Haoxiang Zhang
DNA-functionalized fibrous hydrogels to quantify cell-matrix interactions
Started on October, 2022
email Haoxiang Zhang
Cells physically interact with the extracellular matrix (ECM) through cellular forces. These forces are involved in matrix remodeling, cell‑cell mechanical communication, and tissue mechanics, further guiding cell migration and development. Several reports indicate that cells can physically remodel ECM through fiber alignment and densification, creating a mechanically specific micro-niche to suit their needs. At the same time, the forces applied by the cell propagate a long distance through the matrix, allowing cell–cell mechanical communication.

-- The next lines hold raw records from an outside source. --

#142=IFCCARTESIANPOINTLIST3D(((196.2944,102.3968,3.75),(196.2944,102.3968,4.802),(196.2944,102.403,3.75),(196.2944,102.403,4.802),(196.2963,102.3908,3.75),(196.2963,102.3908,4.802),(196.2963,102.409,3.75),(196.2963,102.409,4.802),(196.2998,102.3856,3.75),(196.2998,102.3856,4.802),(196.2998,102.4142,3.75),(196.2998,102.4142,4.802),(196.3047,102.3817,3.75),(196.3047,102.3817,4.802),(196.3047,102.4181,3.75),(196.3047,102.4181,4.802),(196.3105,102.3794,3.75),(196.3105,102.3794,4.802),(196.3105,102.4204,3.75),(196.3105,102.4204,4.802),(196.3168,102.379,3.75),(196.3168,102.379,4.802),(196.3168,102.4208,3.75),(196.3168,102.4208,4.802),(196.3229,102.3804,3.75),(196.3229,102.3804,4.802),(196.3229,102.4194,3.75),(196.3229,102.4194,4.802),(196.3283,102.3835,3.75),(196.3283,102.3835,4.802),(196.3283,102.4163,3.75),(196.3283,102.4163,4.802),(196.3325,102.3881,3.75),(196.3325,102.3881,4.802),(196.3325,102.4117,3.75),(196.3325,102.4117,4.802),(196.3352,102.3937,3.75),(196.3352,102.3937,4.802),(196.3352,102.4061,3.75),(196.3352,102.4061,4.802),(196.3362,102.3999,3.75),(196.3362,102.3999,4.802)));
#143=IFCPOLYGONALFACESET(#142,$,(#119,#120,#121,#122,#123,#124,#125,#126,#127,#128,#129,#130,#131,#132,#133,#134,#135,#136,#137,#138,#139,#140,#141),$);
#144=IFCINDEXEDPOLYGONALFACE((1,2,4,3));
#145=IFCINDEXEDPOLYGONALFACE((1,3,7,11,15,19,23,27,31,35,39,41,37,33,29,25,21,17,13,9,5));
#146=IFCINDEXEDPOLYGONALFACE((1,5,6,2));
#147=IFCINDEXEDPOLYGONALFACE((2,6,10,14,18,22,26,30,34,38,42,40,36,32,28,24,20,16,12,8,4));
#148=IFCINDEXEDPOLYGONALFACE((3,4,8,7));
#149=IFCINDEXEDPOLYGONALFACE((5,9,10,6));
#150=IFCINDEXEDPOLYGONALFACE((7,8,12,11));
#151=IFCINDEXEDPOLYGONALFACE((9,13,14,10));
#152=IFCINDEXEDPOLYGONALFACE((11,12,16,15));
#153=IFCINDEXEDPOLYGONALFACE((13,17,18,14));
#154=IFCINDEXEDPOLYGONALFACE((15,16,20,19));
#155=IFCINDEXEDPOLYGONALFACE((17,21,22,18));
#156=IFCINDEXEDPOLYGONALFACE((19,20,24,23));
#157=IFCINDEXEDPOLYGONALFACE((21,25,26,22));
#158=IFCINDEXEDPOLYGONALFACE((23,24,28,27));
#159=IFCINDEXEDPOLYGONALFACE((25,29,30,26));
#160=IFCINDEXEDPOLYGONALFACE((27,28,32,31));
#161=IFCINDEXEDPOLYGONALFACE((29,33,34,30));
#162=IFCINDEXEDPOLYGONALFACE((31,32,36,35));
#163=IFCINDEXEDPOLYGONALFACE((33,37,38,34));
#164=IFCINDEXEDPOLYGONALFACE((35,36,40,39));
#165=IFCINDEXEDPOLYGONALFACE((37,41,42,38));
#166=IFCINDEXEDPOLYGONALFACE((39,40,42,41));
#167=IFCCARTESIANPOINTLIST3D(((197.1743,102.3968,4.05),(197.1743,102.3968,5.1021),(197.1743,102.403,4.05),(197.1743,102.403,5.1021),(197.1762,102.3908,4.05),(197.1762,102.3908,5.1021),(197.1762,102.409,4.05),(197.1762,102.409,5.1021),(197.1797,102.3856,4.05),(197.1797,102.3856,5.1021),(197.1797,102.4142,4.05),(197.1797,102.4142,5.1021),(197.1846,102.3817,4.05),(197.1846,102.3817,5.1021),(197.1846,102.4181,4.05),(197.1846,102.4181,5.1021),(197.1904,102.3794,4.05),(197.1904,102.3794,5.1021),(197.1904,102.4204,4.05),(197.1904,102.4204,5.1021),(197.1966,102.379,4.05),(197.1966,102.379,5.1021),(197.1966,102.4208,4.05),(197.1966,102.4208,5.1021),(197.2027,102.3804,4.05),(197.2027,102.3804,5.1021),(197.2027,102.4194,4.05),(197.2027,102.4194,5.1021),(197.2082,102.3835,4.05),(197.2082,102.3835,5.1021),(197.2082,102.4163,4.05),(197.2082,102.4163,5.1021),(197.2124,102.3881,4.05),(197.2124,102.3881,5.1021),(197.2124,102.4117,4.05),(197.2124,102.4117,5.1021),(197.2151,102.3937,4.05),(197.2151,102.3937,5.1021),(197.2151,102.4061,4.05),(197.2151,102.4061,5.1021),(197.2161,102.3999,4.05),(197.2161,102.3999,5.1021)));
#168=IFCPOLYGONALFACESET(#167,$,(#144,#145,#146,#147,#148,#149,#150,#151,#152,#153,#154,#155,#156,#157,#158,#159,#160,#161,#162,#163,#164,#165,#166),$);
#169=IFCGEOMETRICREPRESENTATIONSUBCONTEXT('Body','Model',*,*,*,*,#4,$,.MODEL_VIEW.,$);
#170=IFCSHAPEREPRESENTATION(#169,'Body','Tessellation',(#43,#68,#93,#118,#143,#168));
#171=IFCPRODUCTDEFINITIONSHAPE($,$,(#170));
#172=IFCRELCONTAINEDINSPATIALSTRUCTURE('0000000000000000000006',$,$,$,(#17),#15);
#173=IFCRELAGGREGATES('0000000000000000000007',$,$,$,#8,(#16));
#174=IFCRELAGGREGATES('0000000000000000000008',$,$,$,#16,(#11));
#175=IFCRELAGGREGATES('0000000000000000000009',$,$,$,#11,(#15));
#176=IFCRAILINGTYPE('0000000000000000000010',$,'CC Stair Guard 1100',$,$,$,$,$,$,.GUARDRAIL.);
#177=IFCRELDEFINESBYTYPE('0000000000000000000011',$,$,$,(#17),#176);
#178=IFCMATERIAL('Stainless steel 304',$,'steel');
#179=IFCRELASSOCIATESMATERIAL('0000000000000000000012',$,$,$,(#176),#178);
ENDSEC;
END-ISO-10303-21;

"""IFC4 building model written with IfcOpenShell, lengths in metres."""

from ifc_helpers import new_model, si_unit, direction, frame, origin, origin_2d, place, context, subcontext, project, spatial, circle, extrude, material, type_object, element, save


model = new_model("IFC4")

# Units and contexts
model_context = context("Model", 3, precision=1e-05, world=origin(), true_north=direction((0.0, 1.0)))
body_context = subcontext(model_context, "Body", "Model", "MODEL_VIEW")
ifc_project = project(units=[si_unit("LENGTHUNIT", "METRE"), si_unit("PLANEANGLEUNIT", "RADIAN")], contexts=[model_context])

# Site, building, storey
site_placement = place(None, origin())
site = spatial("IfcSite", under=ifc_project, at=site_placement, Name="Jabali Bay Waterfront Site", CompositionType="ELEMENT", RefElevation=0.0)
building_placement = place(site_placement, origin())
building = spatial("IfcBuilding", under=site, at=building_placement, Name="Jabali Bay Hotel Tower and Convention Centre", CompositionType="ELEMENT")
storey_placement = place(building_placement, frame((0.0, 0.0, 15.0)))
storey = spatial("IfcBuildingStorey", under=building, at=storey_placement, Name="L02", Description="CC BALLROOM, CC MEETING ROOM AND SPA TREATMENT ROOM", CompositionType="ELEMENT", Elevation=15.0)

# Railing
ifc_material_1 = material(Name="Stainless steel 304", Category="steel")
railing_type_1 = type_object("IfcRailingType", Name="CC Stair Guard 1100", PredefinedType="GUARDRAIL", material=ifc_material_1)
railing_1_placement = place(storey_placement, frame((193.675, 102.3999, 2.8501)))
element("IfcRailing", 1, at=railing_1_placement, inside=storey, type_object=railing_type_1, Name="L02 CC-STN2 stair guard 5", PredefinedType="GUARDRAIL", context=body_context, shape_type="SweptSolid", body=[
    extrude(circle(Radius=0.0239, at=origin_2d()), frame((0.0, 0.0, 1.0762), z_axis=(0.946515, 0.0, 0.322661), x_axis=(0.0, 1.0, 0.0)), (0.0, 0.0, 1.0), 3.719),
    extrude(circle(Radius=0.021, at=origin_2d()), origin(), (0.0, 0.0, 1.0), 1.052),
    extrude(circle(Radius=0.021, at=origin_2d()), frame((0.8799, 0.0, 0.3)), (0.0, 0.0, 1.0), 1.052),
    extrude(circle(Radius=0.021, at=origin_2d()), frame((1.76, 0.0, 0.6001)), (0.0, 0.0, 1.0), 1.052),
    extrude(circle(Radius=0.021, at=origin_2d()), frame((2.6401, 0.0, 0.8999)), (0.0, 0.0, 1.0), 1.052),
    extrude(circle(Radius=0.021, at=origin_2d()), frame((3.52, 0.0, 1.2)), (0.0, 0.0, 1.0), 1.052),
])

Fiber remodeling and long-range force propagation are mostly observed in biological ECMs, namely collagen, and fibrin gels, due to the nonlinear mechanics and fibrous structure of these materials. These phenomena are therefore difficult to mimic using synthetic hydrogels. In this project we will use a fully synthetic hydrogel, that mimics biological gels in nearly all aspects, particularly the fibrous architecture and the strong nonlinear mechanical response. The developed polyisocyanides (PIC) gels are suitable for culturing many different cell types in 3D, and show strain-stiffening behaviour. The main goal of this project is to develop a toolbox to investigate the role of cellular forces and force propagation in cell behavior. In more detail, we will investigate how cellular forces affect the matrix, how far do they propagate within the matrix, and how are forces transmitted from the matrix to distance cells, with subcellular resolution, in 3D. We will used DNA-functionalized PIC gels to quantify cellular traction forces in mechano-sensitive hydrogels, investigate fiber remodeling at the nanometer level and investigate how cellular forces are transmitted through the matrix. The smart DNA-PIC gels developed in this project will provide an essential tool to understand the role of cell-induced mechanical cues in cancer progression. Importantly, the toolbox developed within this project will be useful to investigate a wide array of biological diseases and processes where biomechanics play an important role.